Funny thing is years ago I chose the Robert Cray as my pick and now I have The JV strat and love it...


----------



## Roybruno92 (Jul 20, 2011)

I'd get the jimmy and put a black pick guard on there to make it look crazy sexyyyyyy.


----------



## valriver40 (Oct 22, 2007)

jv for in sunburst.


----------



## rednefstarts (Sep 2, 2011)

*Jimmy or Robert*

More sustain and a C shaped neck with the Cray. Soft V neck and obviously a trem with the Jimmy..either one a good choice for the money.Very similar tone in either.


----------



## deadear (Nov 24, 2011)

American standard. It is cheaper and a better instument. Also worth more if you ever sell it.
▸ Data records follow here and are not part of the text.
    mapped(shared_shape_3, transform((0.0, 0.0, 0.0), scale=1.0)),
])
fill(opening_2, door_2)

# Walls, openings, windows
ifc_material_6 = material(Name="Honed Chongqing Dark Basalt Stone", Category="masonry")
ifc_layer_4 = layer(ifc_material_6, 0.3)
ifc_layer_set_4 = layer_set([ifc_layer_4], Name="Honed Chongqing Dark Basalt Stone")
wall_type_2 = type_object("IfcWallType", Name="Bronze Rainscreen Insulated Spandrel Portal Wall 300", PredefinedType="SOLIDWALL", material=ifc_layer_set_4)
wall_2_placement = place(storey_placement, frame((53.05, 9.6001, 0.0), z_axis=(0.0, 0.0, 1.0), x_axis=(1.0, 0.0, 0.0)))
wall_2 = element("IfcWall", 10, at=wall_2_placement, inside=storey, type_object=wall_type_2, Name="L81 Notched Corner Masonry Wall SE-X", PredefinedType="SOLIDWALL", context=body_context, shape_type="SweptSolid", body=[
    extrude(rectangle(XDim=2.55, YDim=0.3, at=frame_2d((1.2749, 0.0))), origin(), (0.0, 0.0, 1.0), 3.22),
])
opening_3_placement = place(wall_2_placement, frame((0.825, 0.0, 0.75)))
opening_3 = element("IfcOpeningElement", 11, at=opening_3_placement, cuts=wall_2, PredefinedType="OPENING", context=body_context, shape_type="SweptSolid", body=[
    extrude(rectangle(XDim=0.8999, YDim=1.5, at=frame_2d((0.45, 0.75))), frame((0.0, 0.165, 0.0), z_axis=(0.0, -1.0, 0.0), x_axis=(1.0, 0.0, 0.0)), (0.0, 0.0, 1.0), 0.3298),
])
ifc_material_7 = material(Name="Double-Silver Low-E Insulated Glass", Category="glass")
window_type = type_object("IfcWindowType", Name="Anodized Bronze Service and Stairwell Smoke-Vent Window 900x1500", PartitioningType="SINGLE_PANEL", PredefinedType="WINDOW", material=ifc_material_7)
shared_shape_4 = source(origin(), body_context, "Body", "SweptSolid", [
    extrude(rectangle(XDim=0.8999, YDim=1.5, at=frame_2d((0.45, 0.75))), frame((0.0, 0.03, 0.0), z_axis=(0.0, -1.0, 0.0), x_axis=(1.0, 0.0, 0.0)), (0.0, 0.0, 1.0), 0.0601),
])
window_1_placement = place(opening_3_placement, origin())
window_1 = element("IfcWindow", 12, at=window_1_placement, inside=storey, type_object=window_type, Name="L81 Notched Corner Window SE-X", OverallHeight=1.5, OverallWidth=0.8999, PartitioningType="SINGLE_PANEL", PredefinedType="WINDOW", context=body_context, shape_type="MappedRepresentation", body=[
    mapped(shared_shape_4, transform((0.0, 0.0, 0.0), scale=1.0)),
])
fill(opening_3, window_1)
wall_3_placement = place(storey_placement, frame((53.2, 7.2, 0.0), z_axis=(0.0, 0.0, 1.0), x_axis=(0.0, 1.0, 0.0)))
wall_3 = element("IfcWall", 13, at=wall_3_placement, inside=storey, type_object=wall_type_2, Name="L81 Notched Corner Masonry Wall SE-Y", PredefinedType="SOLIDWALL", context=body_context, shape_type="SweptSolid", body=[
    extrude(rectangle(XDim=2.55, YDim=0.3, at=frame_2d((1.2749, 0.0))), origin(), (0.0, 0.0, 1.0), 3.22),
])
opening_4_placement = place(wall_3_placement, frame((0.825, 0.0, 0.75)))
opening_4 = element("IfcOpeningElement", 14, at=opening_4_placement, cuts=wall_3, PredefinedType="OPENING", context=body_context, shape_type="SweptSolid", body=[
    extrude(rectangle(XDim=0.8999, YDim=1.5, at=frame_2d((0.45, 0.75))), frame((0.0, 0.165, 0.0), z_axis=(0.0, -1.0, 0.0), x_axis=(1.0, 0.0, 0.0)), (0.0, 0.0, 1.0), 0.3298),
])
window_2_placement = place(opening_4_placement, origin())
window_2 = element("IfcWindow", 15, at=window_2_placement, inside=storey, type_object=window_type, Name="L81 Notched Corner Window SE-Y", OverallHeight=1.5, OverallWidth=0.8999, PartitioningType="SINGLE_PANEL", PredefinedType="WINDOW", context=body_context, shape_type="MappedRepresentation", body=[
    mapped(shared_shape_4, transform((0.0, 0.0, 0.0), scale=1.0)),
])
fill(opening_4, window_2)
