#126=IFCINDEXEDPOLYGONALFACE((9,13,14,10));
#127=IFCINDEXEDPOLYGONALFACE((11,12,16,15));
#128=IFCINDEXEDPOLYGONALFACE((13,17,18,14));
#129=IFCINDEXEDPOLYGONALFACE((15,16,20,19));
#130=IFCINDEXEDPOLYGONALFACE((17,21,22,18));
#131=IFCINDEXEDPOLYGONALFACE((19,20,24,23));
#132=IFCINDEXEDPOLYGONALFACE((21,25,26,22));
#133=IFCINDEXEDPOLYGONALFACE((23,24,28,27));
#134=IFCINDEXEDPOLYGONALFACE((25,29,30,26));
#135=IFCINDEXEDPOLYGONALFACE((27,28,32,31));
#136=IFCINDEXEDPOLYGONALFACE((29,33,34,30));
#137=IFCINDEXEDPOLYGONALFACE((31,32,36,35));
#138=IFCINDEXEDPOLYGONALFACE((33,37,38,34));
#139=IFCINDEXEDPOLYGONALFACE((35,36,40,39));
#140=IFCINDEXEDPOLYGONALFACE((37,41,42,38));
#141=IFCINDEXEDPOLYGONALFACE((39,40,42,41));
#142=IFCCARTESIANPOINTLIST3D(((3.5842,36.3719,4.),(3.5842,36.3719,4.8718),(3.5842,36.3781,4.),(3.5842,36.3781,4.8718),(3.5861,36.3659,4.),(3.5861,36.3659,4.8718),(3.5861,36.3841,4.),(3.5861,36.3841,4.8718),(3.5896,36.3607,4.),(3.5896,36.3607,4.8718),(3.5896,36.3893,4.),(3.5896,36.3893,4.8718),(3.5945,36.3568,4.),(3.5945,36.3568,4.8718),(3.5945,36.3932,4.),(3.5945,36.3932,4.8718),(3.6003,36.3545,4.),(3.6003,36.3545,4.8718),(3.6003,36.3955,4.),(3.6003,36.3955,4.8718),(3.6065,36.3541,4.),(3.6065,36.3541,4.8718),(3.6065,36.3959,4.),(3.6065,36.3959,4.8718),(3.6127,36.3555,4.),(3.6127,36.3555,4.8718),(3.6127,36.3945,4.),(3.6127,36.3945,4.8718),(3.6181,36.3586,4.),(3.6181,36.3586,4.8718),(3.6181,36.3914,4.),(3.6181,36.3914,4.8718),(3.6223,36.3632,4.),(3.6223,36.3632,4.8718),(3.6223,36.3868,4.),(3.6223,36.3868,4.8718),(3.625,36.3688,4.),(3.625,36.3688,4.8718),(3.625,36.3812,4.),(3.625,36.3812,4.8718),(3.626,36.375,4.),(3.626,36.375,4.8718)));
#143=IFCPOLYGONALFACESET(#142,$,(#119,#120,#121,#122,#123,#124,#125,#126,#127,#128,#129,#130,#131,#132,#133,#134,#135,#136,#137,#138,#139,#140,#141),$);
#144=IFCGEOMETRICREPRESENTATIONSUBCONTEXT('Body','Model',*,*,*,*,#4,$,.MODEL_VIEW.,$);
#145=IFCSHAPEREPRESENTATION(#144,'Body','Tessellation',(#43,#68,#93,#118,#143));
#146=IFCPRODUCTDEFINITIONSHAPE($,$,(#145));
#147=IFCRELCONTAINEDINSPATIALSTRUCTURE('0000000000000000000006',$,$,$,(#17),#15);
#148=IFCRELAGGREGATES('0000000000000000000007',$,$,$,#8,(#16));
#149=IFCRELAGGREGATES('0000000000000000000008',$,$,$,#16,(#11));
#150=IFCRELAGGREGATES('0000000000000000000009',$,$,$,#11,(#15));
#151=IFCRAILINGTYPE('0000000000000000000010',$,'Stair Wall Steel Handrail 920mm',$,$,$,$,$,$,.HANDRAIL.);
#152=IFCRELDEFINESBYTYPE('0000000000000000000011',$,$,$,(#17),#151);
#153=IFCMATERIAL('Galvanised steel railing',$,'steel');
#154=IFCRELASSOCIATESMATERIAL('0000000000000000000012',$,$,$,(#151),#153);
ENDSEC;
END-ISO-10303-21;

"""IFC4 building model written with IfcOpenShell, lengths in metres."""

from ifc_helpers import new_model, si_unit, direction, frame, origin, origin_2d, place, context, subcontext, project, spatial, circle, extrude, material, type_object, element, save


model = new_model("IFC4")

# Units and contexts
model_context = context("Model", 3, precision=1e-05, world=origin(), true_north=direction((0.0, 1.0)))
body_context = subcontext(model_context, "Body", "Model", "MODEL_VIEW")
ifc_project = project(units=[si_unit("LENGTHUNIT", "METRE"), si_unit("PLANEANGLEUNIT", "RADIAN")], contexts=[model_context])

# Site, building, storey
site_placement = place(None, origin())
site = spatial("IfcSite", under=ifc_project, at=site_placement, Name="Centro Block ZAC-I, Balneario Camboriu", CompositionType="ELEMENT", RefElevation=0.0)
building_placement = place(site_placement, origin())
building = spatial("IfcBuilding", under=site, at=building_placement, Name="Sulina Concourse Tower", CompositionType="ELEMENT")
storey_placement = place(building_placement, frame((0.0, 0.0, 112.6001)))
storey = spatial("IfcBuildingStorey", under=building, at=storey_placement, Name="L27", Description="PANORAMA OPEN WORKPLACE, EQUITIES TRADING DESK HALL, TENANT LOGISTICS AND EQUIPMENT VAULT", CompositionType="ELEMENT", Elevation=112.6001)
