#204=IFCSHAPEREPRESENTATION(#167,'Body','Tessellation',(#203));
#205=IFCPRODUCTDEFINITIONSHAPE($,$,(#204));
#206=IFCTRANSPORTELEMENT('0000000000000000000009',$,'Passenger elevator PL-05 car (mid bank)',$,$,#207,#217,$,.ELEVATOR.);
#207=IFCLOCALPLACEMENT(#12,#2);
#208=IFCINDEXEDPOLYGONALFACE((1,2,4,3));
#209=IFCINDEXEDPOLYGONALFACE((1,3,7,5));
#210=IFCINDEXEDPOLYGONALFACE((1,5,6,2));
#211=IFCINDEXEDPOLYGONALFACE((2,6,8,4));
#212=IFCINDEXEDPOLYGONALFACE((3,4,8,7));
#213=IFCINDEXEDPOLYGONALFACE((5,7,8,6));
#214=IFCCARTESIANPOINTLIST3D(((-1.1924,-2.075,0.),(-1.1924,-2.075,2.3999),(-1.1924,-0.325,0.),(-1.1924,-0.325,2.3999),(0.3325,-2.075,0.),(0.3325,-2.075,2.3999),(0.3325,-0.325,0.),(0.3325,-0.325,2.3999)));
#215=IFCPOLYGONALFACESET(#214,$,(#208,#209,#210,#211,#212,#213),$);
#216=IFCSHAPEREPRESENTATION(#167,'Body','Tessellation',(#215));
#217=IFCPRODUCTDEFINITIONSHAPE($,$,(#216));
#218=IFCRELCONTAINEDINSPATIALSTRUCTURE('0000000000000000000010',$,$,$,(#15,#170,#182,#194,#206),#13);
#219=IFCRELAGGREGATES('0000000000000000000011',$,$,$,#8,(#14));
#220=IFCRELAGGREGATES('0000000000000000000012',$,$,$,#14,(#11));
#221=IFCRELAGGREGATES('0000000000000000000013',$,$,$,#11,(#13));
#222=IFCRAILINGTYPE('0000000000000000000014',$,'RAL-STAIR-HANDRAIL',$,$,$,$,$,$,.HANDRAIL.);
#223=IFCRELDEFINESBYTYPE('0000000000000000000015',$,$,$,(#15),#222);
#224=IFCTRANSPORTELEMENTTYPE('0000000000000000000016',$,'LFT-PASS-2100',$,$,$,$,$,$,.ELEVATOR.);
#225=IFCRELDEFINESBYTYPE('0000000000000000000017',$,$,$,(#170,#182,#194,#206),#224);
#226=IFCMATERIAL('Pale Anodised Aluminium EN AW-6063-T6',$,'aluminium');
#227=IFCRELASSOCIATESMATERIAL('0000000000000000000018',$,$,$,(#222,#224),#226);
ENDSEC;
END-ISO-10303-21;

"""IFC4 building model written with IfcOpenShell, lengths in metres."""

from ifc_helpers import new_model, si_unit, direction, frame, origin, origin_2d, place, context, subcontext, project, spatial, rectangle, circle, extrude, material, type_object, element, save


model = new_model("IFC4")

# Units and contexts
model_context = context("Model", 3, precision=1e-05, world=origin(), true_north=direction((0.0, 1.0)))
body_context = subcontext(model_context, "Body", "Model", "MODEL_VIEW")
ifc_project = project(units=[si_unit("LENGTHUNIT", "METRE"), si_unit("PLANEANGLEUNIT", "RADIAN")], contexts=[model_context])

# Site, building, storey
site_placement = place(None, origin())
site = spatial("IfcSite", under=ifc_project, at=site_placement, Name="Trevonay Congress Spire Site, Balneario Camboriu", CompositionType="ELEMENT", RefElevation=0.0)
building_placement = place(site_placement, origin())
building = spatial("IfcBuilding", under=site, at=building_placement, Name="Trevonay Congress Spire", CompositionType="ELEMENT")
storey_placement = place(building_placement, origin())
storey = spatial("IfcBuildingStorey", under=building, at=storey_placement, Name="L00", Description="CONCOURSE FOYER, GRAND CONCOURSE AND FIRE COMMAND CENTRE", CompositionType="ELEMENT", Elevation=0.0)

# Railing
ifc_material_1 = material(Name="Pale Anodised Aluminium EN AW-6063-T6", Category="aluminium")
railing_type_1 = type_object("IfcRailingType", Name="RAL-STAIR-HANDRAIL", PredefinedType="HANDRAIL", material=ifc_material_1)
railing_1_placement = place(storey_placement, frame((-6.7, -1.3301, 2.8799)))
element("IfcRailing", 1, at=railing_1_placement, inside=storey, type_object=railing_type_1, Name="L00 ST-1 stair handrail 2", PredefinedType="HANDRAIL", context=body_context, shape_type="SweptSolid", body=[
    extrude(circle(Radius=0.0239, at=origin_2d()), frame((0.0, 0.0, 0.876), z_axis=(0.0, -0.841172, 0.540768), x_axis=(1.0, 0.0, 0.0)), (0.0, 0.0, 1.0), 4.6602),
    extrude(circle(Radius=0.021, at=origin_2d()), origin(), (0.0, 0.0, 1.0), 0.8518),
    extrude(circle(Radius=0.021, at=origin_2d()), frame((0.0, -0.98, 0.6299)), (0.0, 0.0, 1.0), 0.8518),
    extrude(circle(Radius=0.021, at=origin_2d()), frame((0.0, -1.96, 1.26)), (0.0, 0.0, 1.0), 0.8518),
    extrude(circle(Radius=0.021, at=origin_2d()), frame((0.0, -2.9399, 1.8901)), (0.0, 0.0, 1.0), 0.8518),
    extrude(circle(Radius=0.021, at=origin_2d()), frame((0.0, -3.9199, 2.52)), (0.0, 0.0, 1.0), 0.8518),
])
But if I had to choose between the two I would pick the Cray because of the custom shop pup's.


----------



## Roryfan (Apr 19, 2010)

Despite the Teleishness of a hardtail I voted for RC because of the neck. Have a MIM example that has been installed on several FrankenStrats over the years, it's one of the best I've ever played. A nice full "C" that's chunkier than a '60 Relic but isn't too fat and has the perfect taper. Dark RW board, 9.5" radius and fretwire that's ever-so-slightly-taller than vintage. Yummy.


----------